Create a new configuration file

pcluster configure -r us-east-2 –config hpc6a.48xlarge.ebs.fsx.us-east-2.yaml

Getting a CREATE_FAILED error message

Query the stack formation log messages#

pcluster get-cluster-stack-events --cluster-name cmaq2 --region us-east-2  --query 'events[?resourceStatus==`CREATE_FAILED`]'

Output

    "eventId": "FSX39ea84acf1fef629-CREATE_FAILED-2023-01-23T17:14:19.869Z",
    "physicalResourceId": "",
    "resourceStatus": "CREATE_FAILED",
    "resourceStatusReason": "Linking a Persistent 2 file system to an S3 bucket using the LustreConfiguraton is not supported. Create a file system and then create a data repository association to link S3 buckets to the file system. For more details, visit https://docs.aws.amazon.com/fsx/latest/LustreGuide/create-dra-linked-data-repo.html (Service: AmazonFSx; Status Code: 400; Error Code: BadRequest; Request ID: dd4df24a-0eed-4e94-8205-a9d5a9605aae; Proxy: null)",
    "resourceProperties": "{\"FileSystemTypeVersion\":\"2.12\",\"StorageCapacity\":\"1200\",\"FileSystemType\":\"LUSTRE\",\"LustreConfiguration\":{\"ImportPath\":\"s3://cmas-cmaq-conus2-benchmark\",\"DeploymentType\":\"PERSISTENT_2\",\"PerUnitStorageThroughput\":\"1000\"},\"SecurityGroupIds\":[\"sg-00ab9ad20ea71b395\"],\"SubnetIds\":[\"subnet-02800a67052ad340a\"],\"Tags\":[{\"Value\":\"name2\",\"Key\":\"Name\"}]}",
    "stackId": "arn:aws:cloudformation:us-east-2:440858712842:stack/cmaq2/561cc920-9b41-11ed-a8d2-0a9db28fc6a2",
    "stackName": "cmaq2",
    "logicalResourceId": "FSX39ea84acf1fef629",
    "resourceType": "AWS::FSx::FileSystem",
    "timestamp": "2023-01-23T17:14:19.869Z"

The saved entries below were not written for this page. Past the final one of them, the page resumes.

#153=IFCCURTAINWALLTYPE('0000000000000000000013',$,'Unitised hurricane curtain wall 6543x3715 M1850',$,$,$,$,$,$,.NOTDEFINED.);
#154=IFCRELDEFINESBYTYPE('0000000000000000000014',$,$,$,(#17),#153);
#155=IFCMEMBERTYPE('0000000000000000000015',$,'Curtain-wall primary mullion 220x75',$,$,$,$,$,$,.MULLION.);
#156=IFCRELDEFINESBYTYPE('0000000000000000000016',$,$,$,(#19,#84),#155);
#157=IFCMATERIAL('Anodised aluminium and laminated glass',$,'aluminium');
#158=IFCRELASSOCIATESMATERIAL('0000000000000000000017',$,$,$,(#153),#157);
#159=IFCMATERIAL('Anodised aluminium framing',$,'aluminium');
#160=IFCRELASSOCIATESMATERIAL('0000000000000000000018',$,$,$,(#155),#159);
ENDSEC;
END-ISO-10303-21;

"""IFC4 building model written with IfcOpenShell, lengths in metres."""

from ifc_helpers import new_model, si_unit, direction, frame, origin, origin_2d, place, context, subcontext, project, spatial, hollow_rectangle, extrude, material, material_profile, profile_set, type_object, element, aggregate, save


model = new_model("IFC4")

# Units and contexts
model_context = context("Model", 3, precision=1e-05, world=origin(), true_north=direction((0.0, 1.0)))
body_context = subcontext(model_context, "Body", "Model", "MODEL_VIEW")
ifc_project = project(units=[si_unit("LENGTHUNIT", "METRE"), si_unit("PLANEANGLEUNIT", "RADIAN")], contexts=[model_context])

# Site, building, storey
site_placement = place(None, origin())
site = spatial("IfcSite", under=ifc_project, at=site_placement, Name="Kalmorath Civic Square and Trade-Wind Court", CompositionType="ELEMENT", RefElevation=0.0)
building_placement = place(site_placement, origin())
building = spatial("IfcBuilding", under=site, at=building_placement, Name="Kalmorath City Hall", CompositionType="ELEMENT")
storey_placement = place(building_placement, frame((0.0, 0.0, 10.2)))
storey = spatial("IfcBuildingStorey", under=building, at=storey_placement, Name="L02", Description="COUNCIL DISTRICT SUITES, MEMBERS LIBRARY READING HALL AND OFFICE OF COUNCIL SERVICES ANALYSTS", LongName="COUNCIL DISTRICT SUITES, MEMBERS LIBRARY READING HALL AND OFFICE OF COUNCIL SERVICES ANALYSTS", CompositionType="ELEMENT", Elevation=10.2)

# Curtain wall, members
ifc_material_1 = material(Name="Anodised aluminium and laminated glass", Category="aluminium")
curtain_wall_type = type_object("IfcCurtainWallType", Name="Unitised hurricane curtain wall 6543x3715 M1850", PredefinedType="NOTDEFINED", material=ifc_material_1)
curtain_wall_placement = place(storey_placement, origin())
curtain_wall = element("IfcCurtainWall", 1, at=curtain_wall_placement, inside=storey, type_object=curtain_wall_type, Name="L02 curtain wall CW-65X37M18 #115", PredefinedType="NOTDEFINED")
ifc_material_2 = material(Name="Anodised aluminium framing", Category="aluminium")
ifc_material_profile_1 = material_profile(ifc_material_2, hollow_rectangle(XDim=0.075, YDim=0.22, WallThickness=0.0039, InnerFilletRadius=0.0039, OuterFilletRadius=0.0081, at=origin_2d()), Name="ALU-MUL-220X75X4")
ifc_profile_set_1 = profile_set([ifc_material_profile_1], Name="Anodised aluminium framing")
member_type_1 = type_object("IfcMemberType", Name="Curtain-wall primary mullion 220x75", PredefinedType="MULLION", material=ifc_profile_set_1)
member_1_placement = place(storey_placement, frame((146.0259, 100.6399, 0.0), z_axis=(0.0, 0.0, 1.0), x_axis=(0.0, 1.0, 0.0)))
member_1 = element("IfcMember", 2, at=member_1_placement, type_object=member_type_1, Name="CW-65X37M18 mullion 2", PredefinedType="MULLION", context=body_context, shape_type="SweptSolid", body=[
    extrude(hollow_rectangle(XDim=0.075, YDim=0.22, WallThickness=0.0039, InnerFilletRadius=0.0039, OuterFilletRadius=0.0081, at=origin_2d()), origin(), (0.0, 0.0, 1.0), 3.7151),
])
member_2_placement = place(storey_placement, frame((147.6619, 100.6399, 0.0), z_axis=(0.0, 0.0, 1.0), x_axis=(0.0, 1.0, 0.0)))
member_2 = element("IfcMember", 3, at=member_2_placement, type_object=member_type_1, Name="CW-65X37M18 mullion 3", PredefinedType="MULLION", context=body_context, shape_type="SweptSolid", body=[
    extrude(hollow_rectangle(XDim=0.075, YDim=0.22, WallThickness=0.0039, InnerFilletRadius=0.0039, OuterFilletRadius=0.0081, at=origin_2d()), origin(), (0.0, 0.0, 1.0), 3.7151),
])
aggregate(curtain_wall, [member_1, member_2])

Not sure the best way to set the VPC and security groups. Do you match the Parallel Cluster settings, or as the parallel cluster failed to build with the persistent2 lustre settings, do you create a new VPC and modify the yaml to have the parallel cluster use the VPC settings established when you create the lustre filesystem?